I’d like to use the scripts in nsys/target-linux-x64/reports to read the nsys reports. However, when I run the scripts with the exported sqlite file as argument, there is an error named no such function: median. Here are the steps I did.
I’ve added the /storage/users/yhao24/opt/nsys-2024.7.1/host-linux-x64/python/lib to PYTHONPATH.
For the first nsys stats command, I saw the following output.
Generating SQLite file /tmp/tritonbench/rope/nsys_traces/inductor_rotary_pos_emb_full_op_0/nsys_output.sqlite from /tmp/tritonbench/rope/nsys_traces/inductor_rotary_pos_emb_full_op_0/nsys_output.nsys-rep
Processing [/tmp/tritonbench/rope/nsys_traces/inductor_rotary_pos_emb_full_op_0/nsys_output.sqlite] with [/storage/users/yhao24/opt/nsys-2024.7.1/host-linux-x64/reports/nvtx_sum.py]...

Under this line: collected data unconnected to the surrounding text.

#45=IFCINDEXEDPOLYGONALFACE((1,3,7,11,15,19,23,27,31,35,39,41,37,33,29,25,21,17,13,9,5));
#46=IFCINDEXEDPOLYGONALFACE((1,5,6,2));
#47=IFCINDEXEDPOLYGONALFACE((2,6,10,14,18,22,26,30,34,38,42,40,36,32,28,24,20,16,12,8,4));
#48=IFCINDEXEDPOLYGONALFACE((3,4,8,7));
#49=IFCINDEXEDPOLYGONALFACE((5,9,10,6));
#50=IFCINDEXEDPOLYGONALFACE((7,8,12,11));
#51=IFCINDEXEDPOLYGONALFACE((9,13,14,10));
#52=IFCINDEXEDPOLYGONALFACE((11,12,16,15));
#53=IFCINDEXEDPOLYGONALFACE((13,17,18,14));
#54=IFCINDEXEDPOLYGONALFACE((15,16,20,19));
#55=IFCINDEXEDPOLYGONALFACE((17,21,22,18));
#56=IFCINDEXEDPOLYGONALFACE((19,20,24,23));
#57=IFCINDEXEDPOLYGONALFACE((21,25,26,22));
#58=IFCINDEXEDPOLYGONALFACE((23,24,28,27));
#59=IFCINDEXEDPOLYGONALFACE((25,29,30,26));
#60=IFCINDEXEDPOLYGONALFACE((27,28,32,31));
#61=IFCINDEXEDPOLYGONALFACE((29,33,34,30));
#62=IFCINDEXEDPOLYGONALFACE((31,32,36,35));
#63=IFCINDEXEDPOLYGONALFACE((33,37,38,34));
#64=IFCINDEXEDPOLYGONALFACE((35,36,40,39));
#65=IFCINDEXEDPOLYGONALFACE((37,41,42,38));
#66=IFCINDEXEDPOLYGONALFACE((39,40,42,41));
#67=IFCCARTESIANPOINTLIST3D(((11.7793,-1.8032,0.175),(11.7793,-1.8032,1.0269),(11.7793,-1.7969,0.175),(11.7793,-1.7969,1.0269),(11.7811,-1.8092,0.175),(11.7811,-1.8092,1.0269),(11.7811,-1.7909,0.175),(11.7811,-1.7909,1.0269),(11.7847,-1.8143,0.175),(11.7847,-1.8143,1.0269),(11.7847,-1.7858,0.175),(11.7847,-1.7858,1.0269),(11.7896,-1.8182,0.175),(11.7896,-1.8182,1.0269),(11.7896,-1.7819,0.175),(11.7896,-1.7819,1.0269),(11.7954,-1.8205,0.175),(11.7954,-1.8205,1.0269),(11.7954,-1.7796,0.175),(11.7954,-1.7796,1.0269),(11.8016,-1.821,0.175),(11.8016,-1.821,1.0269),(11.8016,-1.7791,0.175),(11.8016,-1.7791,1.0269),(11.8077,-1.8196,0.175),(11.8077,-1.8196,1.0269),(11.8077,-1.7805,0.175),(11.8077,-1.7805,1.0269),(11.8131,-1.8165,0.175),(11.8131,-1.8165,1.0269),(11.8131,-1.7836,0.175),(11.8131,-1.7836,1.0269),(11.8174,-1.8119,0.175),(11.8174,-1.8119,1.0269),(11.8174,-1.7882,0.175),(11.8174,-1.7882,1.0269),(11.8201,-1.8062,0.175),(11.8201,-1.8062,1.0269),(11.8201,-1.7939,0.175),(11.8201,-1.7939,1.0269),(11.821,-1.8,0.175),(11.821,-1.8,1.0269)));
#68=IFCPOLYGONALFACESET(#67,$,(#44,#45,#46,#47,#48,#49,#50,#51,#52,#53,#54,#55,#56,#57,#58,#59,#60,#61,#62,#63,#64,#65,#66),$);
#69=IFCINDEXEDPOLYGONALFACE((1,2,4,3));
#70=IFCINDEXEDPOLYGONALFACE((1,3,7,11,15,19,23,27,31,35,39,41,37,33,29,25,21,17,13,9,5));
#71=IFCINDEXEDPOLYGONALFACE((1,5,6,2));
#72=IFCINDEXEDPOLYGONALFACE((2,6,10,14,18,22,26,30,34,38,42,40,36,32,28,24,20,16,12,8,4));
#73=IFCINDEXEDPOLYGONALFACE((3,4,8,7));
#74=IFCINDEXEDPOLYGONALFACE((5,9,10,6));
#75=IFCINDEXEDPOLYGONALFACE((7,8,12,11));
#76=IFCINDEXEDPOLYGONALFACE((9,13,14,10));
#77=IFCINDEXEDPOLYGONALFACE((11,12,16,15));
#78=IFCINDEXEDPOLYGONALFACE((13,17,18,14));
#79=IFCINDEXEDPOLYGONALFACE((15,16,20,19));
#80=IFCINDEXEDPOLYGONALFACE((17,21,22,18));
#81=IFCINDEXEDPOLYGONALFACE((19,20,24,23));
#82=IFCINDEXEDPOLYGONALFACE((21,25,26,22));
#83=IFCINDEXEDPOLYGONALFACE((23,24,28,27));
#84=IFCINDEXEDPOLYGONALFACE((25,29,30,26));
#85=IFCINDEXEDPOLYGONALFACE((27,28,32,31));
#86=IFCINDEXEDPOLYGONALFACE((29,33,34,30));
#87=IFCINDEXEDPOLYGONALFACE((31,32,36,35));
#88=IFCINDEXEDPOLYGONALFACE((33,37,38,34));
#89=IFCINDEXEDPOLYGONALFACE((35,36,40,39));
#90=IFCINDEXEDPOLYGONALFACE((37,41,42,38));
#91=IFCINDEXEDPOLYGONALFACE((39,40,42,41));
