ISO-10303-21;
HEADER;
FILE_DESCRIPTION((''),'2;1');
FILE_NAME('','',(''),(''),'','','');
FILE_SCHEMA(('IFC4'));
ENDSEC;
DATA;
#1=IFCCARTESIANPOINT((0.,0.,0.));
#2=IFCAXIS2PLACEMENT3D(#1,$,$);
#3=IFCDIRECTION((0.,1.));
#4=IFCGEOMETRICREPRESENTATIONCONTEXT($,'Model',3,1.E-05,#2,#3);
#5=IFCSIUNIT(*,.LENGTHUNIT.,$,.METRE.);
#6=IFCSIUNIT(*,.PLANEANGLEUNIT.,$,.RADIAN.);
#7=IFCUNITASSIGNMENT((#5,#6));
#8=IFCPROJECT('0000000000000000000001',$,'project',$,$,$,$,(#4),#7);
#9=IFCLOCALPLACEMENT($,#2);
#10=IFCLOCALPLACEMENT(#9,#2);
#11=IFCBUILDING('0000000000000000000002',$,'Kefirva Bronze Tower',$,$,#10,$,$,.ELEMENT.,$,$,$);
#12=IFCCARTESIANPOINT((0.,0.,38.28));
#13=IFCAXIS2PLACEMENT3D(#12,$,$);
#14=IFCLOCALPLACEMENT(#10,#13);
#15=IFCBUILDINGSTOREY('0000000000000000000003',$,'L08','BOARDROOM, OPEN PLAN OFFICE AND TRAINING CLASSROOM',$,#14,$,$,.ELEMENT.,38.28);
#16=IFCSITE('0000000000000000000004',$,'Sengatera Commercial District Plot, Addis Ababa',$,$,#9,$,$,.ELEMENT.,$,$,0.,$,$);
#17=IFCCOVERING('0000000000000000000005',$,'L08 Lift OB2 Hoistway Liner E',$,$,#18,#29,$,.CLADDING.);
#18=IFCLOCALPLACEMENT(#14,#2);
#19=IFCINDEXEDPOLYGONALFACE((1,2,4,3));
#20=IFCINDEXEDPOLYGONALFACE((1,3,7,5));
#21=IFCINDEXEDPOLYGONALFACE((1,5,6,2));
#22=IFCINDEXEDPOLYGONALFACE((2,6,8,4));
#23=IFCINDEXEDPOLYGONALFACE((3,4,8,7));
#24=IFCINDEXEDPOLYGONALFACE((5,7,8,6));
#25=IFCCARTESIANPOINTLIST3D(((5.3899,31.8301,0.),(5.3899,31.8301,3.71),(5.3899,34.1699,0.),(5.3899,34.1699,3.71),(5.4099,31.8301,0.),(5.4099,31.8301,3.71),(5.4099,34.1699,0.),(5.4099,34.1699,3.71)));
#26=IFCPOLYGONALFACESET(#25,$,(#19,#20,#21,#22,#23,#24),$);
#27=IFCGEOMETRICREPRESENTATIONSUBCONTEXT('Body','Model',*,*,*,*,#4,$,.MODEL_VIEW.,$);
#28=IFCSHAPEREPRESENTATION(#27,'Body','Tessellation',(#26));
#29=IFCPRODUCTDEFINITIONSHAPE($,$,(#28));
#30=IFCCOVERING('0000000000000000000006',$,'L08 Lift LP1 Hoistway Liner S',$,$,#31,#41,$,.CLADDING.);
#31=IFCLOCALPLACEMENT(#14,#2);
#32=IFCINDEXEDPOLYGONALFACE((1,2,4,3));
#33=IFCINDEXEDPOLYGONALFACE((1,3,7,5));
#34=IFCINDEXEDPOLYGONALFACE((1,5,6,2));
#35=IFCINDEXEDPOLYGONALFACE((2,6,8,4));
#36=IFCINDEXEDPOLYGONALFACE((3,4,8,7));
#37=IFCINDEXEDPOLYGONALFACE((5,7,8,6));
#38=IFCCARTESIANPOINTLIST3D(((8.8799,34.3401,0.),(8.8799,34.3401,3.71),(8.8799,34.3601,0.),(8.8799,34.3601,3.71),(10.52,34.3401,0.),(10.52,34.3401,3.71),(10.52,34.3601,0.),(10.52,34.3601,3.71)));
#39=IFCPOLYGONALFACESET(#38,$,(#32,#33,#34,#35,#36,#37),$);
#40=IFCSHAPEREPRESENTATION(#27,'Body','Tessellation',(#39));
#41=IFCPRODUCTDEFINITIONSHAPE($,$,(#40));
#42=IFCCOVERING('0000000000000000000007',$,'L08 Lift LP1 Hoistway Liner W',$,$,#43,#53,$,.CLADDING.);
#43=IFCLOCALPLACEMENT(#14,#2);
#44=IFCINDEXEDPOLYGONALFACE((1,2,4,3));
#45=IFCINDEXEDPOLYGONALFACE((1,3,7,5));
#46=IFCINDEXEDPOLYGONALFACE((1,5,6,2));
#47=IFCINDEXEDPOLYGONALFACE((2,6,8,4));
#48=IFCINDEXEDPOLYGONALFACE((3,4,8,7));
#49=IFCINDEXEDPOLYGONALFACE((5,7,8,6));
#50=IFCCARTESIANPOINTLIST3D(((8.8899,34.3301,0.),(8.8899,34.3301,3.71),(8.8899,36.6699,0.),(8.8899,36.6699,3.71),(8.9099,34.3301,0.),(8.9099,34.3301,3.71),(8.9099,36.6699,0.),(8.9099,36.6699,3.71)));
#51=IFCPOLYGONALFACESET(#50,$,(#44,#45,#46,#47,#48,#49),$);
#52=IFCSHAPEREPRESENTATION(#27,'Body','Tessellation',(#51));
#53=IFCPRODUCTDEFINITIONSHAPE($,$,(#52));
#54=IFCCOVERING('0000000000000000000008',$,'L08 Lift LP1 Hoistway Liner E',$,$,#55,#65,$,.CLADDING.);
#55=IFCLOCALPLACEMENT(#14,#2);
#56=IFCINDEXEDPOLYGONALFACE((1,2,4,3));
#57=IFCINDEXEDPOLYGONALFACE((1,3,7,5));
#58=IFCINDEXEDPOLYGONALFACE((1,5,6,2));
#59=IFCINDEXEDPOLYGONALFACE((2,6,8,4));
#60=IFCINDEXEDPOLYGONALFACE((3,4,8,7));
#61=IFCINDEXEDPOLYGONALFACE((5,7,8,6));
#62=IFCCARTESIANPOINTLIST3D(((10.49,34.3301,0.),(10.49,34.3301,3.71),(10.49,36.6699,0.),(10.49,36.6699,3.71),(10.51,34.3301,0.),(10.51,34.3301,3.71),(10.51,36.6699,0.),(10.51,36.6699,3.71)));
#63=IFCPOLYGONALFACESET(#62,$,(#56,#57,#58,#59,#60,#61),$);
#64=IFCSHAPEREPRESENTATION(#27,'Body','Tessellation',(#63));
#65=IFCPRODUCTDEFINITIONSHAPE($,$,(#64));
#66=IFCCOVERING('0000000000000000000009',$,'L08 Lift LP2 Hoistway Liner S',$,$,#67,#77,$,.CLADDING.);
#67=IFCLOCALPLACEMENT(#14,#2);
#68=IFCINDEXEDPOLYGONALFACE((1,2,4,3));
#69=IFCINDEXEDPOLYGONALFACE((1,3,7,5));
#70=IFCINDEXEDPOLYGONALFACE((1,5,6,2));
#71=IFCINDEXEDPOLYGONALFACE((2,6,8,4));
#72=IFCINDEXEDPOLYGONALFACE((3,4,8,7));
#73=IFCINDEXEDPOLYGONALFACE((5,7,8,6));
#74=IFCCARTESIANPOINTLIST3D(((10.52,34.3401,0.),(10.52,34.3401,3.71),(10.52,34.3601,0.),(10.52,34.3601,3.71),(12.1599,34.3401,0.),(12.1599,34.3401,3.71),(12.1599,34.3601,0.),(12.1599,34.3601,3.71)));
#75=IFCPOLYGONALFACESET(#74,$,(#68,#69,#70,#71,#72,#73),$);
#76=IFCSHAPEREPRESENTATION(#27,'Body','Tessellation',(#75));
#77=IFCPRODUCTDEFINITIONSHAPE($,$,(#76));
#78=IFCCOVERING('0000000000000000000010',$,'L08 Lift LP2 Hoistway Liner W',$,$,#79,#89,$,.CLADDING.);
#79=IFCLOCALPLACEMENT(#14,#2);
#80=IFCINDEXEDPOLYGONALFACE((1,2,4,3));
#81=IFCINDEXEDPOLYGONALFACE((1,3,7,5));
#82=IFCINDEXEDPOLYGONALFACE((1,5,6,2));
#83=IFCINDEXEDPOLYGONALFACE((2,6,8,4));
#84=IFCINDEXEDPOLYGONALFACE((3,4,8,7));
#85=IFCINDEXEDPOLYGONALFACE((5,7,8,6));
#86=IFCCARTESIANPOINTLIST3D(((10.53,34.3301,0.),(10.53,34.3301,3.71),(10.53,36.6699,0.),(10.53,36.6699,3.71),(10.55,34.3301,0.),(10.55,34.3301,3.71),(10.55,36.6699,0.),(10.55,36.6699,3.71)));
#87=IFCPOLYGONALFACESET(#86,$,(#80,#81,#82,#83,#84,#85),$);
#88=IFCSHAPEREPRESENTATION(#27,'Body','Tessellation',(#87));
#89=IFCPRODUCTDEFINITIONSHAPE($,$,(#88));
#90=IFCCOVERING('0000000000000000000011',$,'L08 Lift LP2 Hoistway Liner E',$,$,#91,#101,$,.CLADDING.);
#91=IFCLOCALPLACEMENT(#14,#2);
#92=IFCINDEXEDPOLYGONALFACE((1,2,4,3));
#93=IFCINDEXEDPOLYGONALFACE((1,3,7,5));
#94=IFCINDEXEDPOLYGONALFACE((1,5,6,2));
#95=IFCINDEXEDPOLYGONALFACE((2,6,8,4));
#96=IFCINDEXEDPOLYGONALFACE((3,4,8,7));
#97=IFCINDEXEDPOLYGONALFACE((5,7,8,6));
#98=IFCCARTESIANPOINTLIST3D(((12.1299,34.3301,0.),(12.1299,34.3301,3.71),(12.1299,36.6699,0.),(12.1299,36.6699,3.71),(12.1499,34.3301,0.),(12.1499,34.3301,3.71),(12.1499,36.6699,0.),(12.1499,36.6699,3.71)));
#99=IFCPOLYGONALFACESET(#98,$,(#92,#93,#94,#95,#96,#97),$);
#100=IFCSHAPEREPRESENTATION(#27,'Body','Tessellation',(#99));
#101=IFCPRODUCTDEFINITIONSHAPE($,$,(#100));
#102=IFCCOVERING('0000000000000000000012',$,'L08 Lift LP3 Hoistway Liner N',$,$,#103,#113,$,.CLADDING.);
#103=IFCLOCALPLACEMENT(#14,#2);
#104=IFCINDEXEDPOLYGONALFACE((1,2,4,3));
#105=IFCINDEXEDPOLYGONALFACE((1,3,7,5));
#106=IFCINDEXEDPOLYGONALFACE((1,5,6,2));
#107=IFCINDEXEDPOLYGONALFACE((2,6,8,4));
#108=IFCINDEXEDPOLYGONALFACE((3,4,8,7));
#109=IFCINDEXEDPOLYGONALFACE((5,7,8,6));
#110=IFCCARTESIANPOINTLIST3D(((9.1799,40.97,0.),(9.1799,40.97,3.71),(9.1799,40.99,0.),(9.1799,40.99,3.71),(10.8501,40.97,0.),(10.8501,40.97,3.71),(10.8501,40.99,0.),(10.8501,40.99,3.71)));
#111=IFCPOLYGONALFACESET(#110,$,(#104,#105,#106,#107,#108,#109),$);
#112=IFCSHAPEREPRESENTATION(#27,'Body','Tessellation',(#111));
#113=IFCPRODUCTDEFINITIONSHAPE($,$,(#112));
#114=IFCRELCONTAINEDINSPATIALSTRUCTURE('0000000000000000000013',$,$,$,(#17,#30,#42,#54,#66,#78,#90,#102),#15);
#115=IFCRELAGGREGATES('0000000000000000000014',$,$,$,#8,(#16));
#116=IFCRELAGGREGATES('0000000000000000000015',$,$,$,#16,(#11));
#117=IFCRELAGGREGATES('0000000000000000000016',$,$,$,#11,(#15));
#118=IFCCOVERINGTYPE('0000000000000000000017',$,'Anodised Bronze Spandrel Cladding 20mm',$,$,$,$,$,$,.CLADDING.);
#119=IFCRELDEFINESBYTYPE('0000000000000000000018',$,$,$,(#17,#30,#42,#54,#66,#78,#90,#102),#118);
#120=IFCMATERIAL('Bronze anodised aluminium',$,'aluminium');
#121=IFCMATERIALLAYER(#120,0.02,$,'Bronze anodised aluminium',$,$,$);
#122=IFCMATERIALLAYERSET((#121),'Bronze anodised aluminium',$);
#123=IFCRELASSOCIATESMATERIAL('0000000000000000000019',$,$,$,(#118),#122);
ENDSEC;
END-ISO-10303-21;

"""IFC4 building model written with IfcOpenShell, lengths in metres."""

from ifc_helpers import new_model, si_unit, direction, frame, origin, place, context, subcontext, project, spatial, polyline, outline, extrude, material, layer, layer_set, type_object, element, save


model = new_model("IFC4")

# Units and contexts
model_context = context("Model", 3, precision=1e-05, world=origin(), true_north=direction((0.0, 1.0)))
body_context = subcontext(model_context, "Body", "Model", "MODEL_VIEW")
ifc_project = project(units=[si_unit("LENGTHUNIT", "METRE"), si_unit("PLANEANGLEUNIT", "RADIAN")], contexts=[model_context])

# Site, building, storey
site_placement = place(None, origin())
site = spatial("IfcSite", under=ifc_project, at=site_placement, Name="Sengatera Commercial District Plot, Addis Ababa", CompositionType="ELEMENT", RefElevation=0.0)
building_placement = place(site_placement, origin())
building = spatial("IfcBuilding", under=site, at=building_placement, Name="Kefirva Bronze Tower", CompositionType="ELEMENT")
storey_placement = place(building_placement, frame((0.0, 0.0, 38.28)))
storey = spatial("IfcBuildingStorey", under=building, at=storey_placement, Name="L08", Description="BOARDROOM, OPEN PLAN OFFICE AND TRAINING CLASSROOM", CompositionType="ELEMENT", Elevation=38.28)

# Coverings
ifc_material_1 = material(Name="Bronze anodised aluminium", Category="aluminium")
ifc_layer_1 = layer(ifc_material_1, 0.02, Name="Bronze anodised aluminium")
ifc_layer_set_1 = layer_set([ifc_layer_1], Name="Bronze anodised aluminium")
covering_type = type_object("IfcCoveringType", Name="Anodised Bronze Spandrel Cladding 20mm", PredefinedType="CLADDING", material=ifc_layer_set_1)
covering_1_placement = place(storey_placement, origin())
element("IfcCovering", 1, at=covering_1_placement, inside=storey, type_object=covering_type, Name="L08 Lift OB2 Hoistway Liner E", PredefinedType="CLADDING", context=body_context, shape_type="SweptSolid", body=[
    extrude(outline(polyline([(5.3899, 31.8301), (5.4099, 31.8301), (5.4099, 34.1699), (5.3899, 34.1699), (5.3899, 31.8301)])), origin(), (0.0, 0.0, 1.0), 3.71),
])
covering_2_placement = place(storey_placement, origin())
element("IfcCovering", 2, at=covering_2_placement, inside=storey, type_object=covering_type, Name="L08 Lift LP1 Hoistway Liner S", PredefinedType="CLADDING", context=body_context, shape_type="SweptSolid", body=[
    extrude(outline(polyline([(8.8799, 34.3401), (10.52, 34.3401), (10.52, 34.3601), (8.8799, 34.3601), (8.8799, 34.3401)])), origin(), (0.0, 0.0, 1.0), 3.71),
])
covering_3_placement = place(storey_placement, origin())
element("IfcCovering", 3, at=covering_3_placement, inside=storey, type_object=covering_type, Name="L08 Lift LP1 Hoistway Liner W", PredefinedType="CLADDING", context=body_context, shape_type="SweptSolid", body=[
    extrude(outline(polyline([(8.8899, 34.3301), (8.9099, 34.3301), (8.9099, 36.6699), (8.8899, 36.6699), (8.8899, 34.3301)])), origin(), (0.0, 0.0, 1.0), 3.71),
])
covering_4_placement = place(storey_placement, origin())
element("IfcCovering", 4, at=covering_4_placement, inside=storey, type_object=covering_type, Name="L08 Lift LP1 Hoistway Liner E", PredefinedType="CLADDING", context=body_context, shape_type="SweptSolid", body=[
    extrude(outline(polyline([(10.49, 34.3301), (10.51, 34.3301), (10.51, 36.6699), (10.49, 36.6699), (10.49, 34.3301)])), origin(), (0.0, 0.0, 1.0), 3.71),
])
covering_5_placement = place(storey_placement, origin())
element("IfcCovering", 5, at=covering_5_placement, inside=storey, type_object=covering_type, Name="L08 Lift LP2 Hoistway Liner S", PredefinedType="CLADDING", context=body_context, shape_type="SweptSolid", body=[
    extrude(outline(polyline([(10.52, 34.3401), (12.1599, 34.3401), (12.1599, 34.3601), (10.52, 34.3601), (10.52, 34.3401)])), origin(), (0.0, 0.0, 1.0), 3.71),
])
covering_6_placement = place(storey_placement, origin())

** NVTX Range Summary (nvtx_sum):
Time (%) Total Time (ns) Instances Avg (ns) Med (ns) Min (ns) Max (ns) StdDev (ns) Style Range
-------- --------------- --------- --------- --------- -------- -------- ----------- ------- ------------------
100.0 704,805 1 704,805.0 704,805.0 704,805 704,805 0.0 PushPop :tritonbench_range
It looks this report script nvtx_sum.py can be successfully executed by nsys.

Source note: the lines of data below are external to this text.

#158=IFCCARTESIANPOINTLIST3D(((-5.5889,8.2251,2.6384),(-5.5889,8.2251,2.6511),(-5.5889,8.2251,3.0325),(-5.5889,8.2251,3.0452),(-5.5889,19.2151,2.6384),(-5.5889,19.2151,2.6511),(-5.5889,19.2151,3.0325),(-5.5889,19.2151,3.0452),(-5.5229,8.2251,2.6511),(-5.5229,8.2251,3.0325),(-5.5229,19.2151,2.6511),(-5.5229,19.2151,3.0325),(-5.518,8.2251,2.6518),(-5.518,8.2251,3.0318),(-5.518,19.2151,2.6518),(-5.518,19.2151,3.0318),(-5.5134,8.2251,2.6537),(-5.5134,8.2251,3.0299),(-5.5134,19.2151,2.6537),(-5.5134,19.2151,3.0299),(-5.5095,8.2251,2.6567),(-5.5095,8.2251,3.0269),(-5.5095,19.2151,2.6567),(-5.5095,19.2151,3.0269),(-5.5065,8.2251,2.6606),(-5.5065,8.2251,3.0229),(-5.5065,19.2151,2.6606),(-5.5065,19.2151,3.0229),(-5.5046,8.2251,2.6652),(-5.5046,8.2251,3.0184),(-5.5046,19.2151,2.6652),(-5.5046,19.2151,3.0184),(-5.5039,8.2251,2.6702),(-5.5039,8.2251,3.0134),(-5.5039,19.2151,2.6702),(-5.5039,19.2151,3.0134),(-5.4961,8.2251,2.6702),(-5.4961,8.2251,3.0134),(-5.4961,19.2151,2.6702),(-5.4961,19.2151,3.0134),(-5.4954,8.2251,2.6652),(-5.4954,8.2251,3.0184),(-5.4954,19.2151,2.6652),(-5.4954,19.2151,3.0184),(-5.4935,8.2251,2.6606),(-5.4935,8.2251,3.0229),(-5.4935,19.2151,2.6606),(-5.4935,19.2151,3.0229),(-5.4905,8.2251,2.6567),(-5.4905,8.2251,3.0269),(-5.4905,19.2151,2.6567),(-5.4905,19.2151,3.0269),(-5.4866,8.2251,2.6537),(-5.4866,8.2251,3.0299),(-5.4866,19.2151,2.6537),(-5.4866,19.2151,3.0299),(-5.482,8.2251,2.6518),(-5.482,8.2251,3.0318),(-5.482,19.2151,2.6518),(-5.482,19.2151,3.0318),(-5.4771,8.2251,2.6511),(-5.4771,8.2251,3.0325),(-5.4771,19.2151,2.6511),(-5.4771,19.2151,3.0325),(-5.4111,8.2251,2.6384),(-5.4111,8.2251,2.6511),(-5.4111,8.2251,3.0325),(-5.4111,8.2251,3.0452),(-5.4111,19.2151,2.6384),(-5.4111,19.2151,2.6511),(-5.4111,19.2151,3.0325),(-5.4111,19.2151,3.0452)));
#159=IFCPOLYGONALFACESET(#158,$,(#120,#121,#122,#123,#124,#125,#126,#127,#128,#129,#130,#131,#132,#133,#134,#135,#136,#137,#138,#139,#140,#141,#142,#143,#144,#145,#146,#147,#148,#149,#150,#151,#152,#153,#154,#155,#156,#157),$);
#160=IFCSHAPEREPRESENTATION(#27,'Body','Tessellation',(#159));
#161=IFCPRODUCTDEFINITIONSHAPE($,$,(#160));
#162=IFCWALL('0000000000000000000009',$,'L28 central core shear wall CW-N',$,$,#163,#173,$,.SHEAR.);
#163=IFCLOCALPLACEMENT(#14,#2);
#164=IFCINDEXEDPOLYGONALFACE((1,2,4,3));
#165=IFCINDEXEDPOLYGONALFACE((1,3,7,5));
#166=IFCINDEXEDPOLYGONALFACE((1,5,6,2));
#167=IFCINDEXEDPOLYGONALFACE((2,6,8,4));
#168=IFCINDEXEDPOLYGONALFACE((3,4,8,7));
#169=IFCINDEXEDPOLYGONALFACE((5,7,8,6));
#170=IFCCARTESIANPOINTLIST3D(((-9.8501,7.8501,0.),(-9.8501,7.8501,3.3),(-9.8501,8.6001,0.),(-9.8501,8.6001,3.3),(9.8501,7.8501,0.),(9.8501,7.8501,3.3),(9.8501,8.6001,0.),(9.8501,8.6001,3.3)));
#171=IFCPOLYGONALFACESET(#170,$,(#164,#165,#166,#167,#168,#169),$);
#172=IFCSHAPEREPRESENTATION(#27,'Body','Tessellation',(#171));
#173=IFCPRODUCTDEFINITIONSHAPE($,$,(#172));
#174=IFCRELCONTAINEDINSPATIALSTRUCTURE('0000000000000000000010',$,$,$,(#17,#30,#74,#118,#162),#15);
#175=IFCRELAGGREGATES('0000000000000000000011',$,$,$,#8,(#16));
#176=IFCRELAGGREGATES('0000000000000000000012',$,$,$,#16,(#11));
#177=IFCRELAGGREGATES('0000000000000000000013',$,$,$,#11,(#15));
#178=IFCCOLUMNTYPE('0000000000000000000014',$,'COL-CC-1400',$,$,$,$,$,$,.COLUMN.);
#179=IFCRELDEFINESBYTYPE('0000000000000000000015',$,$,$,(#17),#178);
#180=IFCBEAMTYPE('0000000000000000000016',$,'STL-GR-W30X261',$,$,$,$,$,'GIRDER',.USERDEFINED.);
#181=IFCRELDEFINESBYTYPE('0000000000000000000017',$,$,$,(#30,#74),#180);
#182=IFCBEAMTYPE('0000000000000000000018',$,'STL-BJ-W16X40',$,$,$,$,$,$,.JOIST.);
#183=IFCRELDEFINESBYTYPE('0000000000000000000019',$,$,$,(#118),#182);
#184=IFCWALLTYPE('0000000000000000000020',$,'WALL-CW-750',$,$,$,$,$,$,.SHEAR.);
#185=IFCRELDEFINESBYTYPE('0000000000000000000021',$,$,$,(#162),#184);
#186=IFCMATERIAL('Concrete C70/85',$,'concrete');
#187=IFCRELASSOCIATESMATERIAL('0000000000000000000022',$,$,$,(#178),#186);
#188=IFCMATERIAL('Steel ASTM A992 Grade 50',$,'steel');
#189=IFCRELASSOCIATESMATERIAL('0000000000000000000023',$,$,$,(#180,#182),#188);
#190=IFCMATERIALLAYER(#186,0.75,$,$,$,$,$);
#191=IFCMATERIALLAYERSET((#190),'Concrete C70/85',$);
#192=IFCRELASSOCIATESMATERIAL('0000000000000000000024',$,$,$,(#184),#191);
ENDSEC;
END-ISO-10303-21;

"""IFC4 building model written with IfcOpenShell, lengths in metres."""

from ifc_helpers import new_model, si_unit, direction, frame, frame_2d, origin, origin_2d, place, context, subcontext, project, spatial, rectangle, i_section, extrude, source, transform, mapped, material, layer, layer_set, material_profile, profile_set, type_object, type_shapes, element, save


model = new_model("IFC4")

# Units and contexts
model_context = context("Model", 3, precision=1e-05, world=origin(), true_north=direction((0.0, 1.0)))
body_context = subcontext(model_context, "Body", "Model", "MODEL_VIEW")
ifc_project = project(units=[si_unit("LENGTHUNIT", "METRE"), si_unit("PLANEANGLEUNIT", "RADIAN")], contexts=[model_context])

But if I run /storage/users/yhao24/opt/nsys-2024.7.1/host-linux-x64/reports/nvtx_sum.py nsys_output.sqlite , the output is
Nsight Systems uses a custom build of of the SQLite library that includes a number of additional functions, including the median() aggregate function (as well as the standard deviation function). Some of these build customizations are open-source packages, but some are Nsight-specific code. This custom SQLite library is also integrated into our build of Python, such that those SQL functions are available in the built-in Python SQLite module.
In short, the only reliable way to run the reports is to use the Python that ships with Nsight Systems. The reports were never meant to be run as standalone Python scripts.
This opens up a bigger question of what problem you are trying to solve by running the reports outside of the Nsight environment. The nsys stats command has extensive options for outputting reports in different formats, including CSV and other “code friendly” formats. There are also options to redirect the output to a file, or even to pipe the output to another process. We’ve tried to cover an extensive number of use-cases, including integration into automated test environments (something that’s used extensively internally at NVIDIA). If there is something you’re attempting to do that we don’t already provide for, we’d like to understand what you’re trying to accomplish.
Re-reading your original post, I might have misunderstood the issue. If all you want to do is run the nvtx_sum report (and only that report) you can do that with the command:
If no --report is given, nsys runs a default subset of reports, but you can specify one or more reports on the CLI so only those reports are run. See nsys help stats for more info.
There are many reports that are not included in the default list. See nsys stats --help-reports for a full list, and nsys stats --help-report <name> for a more complete description of each report.
Thanks for your reply! I’m trying to implement a nsys report analyzer in tritonbench, similar to the exisiting ncu analyzer. I prefer to use scripts nsys/target-linux-x64/reports rathern than get another system call to nsys stats --report. I found some scripts in nsys/target-linux-x64/reports marked as deprecated can work, such as nvtxpptrace.py. But since it is marked as deprecated, I’m wondering if the latest scripts can work without nsys call. As you replied, the scripts there are for specific environment, I guess I’ll use the deprecated ones for now.
nvtxpptrace was replaced with nvtx_pushpop_trace. We had a mass renaming several versions ago. If those reports still exist in your install, you might consider upgrading.
Which reports will work and won’t work is dependent on the SQL features they use. Most trace reports aren’t going to aggregate data, so they won’t run into needing the additional medan and standard deviation functions, nor some of the other custom functions.
But yes, nsys stats can process several different reports with one pass, and can output the data to a CSV file or some other format that should be easy to bring into an numeric framework. A simple --output . will do that, or you can chose a custom name. Also see --format (and --help-format[s]) for other supported formats.
Depending on the complexity of what you’re trying to do, you can also write your own stats report, or the newer recipe system. You can also have your analysis system import the data directly from SQLite, or one of the other supported export formats, such as Arrow.
Hi @jkreibich , I just found nvtx_sum returns execution time in us not ns, but cuda_gpu_kern_sum or nvtx_kern_sum return time in ns as table header shown for range longer than 1ms. Can you help to double check this?
Are you using the GUI or CLI? I believe the GUI attempts to auto-scale values so they’re in “convenient” ranges. This makes the display units both report and file dependent. The CLI will default to showing all time values in ns, unless you specify otherwise.